O armador contundido da Espanha (e futuro titular do Raptors), Jose Calderon, afirmou que se tivessem sido usadas as regras da FIBA, sua seleção teria vencido. Mas, como os árbitros favoreceram os americanos apitando como se fosse um jogo de NBA, os espanhóis perderam. Os que concordam que me desculpem, mas acho isso uma tremenda besteira. Na verdade, a grande maioria dos jogadores mais físicos da NBA sofreu bastante com a arbitragem olímpica. No primeiro jogo da seleção argentina, Luis Scola e Fabricio Oberto se enrolaram com problemas de faltas por questão de costume: na NBA, os juízes não costumam se importar muito com disputas por bolas soltas, o objetivo é mais proteger quem já tem a posse de bola. Nas regras da FIBA, o enfoque era outro e qualquer trombada de Scola por um rebote virava falta. Levou um tempinho para que eles se acostumassem e o mesmo ocorreu com os americanos, não apenas em contato durante bolas soltas mas também com trombadas no garrafão e faltas de ataque, muitas faltas de ataque.

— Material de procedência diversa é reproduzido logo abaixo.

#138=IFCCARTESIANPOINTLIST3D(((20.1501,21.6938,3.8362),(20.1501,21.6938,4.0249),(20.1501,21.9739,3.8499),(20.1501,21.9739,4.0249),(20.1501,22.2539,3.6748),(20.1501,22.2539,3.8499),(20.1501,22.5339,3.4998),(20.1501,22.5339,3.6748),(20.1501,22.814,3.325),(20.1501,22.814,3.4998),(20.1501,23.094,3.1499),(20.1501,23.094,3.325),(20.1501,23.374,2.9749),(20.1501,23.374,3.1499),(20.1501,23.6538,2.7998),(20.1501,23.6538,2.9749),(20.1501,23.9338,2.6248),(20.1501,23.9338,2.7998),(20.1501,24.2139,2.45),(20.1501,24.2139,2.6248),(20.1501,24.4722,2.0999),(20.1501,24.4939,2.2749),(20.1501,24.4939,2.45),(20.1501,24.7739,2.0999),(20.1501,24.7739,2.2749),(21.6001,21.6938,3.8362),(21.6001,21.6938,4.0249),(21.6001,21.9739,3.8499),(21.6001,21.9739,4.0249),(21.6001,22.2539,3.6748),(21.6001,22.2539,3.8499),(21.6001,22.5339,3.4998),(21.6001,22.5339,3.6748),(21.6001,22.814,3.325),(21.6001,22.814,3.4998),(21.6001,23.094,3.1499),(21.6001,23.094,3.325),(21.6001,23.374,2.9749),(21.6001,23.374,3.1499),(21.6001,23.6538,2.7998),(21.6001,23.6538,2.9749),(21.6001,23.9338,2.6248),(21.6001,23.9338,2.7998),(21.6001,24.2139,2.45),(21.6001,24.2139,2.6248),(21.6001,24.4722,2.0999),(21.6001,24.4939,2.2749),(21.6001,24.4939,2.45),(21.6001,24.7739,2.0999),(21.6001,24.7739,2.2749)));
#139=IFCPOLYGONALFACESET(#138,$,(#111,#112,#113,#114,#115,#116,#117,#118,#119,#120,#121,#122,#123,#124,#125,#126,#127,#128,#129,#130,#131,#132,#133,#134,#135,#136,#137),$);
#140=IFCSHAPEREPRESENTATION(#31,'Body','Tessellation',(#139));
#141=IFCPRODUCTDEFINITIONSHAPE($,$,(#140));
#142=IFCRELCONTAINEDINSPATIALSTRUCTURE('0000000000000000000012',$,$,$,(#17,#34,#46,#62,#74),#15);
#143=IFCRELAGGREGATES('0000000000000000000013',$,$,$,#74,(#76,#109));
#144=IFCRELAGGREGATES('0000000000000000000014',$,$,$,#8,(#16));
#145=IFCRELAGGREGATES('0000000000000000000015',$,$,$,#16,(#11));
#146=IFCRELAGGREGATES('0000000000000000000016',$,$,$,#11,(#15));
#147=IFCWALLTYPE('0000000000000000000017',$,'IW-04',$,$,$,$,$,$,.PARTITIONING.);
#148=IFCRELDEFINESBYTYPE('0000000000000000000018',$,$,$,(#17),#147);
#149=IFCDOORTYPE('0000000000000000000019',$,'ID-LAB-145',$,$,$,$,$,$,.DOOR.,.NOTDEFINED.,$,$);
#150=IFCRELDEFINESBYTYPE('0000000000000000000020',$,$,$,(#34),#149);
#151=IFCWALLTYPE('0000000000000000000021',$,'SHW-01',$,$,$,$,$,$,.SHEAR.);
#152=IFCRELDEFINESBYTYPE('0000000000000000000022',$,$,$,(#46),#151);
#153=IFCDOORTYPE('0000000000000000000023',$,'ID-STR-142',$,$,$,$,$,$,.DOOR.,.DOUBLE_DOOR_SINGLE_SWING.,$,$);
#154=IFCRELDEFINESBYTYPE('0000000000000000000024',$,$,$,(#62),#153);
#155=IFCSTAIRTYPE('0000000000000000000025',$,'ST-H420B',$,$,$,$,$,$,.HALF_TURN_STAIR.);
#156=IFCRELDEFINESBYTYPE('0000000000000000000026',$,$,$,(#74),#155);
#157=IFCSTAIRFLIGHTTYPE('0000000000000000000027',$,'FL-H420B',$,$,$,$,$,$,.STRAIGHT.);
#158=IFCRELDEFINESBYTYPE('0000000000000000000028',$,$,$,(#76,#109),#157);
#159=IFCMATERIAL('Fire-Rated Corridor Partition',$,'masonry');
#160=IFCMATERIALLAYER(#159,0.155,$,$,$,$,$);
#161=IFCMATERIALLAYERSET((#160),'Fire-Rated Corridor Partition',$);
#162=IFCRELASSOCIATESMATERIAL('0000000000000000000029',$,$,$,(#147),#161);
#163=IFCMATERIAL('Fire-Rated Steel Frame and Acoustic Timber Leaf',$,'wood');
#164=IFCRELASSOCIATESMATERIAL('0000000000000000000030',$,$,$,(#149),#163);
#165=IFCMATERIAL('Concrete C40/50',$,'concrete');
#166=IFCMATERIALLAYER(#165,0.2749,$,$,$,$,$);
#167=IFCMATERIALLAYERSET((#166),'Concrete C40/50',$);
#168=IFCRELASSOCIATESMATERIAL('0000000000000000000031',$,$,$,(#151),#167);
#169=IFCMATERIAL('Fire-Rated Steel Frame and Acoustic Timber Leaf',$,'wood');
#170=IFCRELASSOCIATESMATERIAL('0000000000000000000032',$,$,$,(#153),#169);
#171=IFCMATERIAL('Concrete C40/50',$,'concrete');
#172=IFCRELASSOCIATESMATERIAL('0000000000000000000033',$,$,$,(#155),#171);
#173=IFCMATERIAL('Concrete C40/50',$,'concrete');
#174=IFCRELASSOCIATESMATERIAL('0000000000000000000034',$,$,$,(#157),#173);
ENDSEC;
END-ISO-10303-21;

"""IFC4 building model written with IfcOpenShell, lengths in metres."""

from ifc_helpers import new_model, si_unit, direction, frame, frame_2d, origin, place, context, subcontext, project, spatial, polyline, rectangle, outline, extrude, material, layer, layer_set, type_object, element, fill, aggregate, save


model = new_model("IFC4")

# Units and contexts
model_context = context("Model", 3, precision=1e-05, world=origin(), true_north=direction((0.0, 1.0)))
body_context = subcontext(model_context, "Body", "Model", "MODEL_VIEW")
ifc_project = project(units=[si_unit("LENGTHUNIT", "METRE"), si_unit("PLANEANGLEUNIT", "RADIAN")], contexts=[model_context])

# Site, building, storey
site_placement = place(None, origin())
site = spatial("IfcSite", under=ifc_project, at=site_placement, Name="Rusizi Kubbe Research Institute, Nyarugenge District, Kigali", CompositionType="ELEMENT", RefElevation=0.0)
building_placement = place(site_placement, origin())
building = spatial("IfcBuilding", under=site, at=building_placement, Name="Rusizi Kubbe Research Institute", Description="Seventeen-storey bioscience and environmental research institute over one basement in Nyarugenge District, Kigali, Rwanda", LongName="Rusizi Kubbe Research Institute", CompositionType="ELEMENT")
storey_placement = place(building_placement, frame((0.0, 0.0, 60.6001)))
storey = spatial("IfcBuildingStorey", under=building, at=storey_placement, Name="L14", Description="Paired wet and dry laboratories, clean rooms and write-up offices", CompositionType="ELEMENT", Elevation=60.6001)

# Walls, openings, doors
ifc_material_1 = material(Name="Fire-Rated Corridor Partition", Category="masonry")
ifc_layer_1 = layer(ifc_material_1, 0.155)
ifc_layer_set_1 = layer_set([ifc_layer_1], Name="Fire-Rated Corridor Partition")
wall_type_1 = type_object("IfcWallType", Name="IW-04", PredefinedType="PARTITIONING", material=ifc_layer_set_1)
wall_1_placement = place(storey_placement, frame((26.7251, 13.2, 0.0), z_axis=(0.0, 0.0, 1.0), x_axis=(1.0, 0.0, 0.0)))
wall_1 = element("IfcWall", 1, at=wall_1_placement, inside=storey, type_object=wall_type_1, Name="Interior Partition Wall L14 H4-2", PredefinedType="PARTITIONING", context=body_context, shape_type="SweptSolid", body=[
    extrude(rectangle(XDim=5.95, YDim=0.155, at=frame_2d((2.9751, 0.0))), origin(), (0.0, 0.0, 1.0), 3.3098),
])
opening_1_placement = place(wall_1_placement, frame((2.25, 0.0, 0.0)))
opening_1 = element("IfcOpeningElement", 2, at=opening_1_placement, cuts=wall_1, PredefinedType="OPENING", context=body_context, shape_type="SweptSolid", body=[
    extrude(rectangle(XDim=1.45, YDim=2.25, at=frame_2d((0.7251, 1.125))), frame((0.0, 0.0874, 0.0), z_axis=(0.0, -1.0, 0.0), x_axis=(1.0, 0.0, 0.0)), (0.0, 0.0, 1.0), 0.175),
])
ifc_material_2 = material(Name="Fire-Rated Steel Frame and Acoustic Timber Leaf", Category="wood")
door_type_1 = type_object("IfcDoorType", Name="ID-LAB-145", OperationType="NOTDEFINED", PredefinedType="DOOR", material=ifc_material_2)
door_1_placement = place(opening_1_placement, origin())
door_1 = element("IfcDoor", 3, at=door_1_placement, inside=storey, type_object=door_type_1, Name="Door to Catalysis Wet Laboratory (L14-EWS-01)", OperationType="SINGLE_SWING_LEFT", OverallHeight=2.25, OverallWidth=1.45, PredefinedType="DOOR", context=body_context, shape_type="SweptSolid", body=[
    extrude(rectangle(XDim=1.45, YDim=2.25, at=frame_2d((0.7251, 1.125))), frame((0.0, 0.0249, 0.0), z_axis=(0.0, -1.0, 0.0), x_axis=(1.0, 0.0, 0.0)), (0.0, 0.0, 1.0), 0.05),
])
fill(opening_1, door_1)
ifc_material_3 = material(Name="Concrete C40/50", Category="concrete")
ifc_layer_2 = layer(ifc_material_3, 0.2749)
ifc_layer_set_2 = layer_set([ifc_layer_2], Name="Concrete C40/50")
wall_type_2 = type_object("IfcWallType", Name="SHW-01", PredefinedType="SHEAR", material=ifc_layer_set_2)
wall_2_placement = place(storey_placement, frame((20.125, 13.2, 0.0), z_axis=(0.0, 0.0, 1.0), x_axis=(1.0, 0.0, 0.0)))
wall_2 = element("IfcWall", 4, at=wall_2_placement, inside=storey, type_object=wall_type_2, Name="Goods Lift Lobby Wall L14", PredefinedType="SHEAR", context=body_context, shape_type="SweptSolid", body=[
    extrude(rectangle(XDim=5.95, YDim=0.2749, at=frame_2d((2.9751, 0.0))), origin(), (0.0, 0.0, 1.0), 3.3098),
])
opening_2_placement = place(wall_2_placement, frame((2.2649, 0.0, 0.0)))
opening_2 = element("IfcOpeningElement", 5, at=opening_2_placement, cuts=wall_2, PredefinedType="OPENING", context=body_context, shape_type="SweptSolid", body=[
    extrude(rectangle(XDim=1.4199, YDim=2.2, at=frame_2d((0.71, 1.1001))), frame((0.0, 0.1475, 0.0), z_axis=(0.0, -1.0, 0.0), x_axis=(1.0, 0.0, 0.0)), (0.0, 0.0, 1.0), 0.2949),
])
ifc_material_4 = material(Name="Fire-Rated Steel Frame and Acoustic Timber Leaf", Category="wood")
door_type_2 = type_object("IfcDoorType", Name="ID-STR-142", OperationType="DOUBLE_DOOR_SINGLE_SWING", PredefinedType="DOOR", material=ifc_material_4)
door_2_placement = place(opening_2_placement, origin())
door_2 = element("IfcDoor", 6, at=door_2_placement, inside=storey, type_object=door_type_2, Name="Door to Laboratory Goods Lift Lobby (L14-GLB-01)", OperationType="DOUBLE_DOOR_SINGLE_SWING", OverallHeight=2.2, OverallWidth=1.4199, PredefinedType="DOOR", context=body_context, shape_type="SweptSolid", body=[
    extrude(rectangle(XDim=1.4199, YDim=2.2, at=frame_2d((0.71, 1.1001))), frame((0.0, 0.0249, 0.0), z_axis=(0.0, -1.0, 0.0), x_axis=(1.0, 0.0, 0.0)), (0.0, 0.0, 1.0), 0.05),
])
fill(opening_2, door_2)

É tudo uma questão de prioridade. A expressão no rosto de Chris Paul quando um árbitro apitou uma carregada de bola sua foi impagável. Minha impressão era de que ele nunca havia sido punido por carregar a bola antes em toda sua vida. Oras, na NBA ninguém está olhando para isso, existe muito contato, muita penetração, olhar para as mãos do jogador é secundário.

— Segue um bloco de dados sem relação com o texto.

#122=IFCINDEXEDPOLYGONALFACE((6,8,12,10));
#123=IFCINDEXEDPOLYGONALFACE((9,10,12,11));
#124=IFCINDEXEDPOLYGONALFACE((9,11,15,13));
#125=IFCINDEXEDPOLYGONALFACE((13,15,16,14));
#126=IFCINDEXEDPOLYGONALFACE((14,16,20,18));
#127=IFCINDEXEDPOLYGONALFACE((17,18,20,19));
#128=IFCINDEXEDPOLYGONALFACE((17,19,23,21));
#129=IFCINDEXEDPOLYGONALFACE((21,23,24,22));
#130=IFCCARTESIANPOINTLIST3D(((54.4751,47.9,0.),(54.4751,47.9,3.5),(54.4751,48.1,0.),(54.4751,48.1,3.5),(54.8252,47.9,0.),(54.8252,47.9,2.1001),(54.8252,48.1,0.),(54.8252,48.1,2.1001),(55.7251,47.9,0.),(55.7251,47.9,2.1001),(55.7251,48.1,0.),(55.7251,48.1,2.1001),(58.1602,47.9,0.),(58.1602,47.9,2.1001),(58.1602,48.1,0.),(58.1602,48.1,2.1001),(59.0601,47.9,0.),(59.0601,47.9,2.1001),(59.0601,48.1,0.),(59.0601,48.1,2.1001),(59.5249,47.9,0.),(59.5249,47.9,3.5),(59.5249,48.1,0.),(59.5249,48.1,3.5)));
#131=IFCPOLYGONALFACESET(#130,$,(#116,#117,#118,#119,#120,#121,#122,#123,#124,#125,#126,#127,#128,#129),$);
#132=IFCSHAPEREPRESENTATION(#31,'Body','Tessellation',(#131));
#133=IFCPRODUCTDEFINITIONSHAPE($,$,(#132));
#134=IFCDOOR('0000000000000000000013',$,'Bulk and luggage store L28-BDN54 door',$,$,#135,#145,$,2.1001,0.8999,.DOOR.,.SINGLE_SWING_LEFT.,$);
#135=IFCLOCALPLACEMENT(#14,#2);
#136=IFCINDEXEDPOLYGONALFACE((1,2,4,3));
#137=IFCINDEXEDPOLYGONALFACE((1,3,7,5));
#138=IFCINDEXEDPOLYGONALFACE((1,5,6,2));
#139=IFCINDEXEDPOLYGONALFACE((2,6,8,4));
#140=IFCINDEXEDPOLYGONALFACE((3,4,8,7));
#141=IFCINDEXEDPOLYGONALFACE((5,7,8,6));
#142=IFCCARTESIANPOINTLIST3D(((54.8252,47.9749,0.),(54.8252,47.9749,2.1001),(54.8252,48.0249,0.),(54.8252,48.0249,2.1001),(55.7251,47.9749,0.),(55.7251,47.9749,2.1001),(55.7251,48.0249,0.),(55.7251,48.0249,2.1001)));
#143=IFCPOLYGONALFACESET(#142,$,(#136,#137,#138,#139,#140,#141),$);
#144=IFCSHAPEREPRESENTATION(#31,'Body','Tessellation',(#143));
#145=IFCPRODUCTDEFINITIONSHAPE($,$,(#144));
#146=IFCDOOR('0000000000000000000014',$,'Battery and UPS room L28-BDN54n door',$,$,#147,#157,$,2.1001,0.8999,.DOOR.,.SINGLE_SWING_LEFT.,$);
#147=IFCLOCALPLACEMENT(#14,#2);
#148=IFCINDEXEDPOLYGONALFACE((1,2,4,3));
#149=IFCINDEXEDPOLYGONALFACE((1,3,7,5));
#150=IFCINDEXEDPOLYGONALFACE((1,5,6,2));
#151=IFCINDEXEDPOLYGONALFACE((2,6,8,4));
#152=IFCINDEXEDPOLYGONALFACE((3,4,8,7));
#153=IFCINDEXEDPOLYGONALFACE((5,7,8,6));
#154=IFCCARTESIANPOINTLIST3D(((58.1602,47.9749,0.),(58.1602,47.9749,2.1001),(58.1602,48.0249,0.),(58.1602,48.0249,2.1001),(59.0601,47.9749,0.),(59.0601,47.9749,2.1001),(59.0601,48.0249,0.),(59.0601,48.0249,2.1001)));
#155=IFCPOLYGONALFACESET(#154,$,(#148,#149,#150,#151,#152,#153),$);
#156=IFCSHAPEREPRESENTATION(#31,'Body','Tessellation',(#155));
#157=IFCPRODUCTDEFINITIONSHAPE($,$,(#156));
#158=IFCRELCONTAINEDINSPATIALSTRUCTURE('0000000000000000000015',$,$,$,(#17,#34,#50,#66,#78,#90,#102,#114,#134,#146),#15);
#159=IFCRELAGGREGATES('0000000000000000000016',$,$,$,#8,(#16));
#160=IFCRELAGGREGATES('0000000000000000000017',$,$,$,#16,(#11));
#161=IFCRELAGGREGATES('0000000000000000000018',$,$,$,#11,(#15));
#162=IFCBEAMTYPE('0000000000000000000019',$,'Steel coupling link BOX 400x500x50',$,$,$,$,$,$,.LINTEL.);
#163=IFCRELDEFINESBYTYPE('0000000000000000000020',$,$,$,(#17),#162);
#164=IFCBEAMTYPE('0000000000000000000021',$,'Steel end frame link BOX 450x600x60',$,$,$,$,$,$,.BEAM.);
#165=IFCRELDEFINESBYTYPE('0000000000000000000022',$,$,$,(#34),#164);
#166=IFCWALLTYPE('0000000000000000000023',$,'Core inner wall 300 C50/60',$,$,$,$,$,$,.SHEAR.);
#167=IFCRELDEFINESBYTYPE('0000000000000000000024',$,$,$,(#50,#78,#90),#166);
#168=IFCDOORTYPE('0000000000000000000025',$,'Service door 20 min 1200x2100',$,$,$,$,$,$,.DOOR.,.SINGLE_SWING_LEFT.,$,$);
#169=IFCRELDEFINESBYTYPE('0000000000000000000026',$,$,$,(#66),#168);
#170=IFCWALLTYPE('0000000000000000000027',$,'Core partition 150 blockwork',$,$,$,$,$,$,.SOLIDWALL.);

Se o estilo da arbitragem durante o jogo da final entre os Estados Unidos e Espanha foi mais “NBA”, é justamente porque o jogo foi mais físico, duro, brigado, com atletas explosivos capazes de bater para cima da cesta o tempo todo e a tendência da arbitragem é se focar mais nisso. Também há a questão da força e do tamanho dos jogadores, ninguém apita do mesmo modo uma partida entre raquíticos e uma entre halterofilistas, simplesmente porque os impactos parecem diferentes. Já falei disso há muito tempo atrás, criticando arbitragens diferenciadas para Yao Ming e Shaq por causa de seus físicos. Apitar um jogo dos Estados Unidos nas Olimpíadas não é, portanto, a mesma coisa que apitar um jogo do Irã.

Se a arbitragem mudou seu foco durante a final, foi simples consequência da ação envolvida na partida. Mas que fique bem claro que a incompetência, a falta de critério, esteve presente o tempo inteiro e prejudicou os dois lados, principalmente nas faltas de ataque. O resultado do jogo ficou comprometido? Não mais do que ficaria em qualquer outra partida da história da humanidade em que os juízes federam por serem humanos. Na minha opinião, esse papo do Calderon é coisa de perdedor fracassado. E esse lance de admiradores do basquete europeu criticando a arbitragem da NBA é na verdade gente que gosta da arbitragem ruim ao invés da péssima. Sujos reclamando dos imundos.

Seria legal ver o Dwyane Wade batendo para dentro e não tendo faltas fantasmas sendo apitadas nele o tempo inteiro? Seria, claro. Mas num jogo em que sujeitos rápidos e fortes pra burro batem para cima uns dos outros, é difícil saber quando houve um contato. Não significa que esses árbitros sejam mais burros só porque os europeus tão de olho pra ver se o Chris Paul tá carregando ou caminhando com a bola. Só podemos ter uma certeza: a arbitragem sempre vai ser uma droga em todo e qualquer lugar e o jeito é aceitar isso. Menos em jogo do Spurs, claro, menos em jogo do Spurs.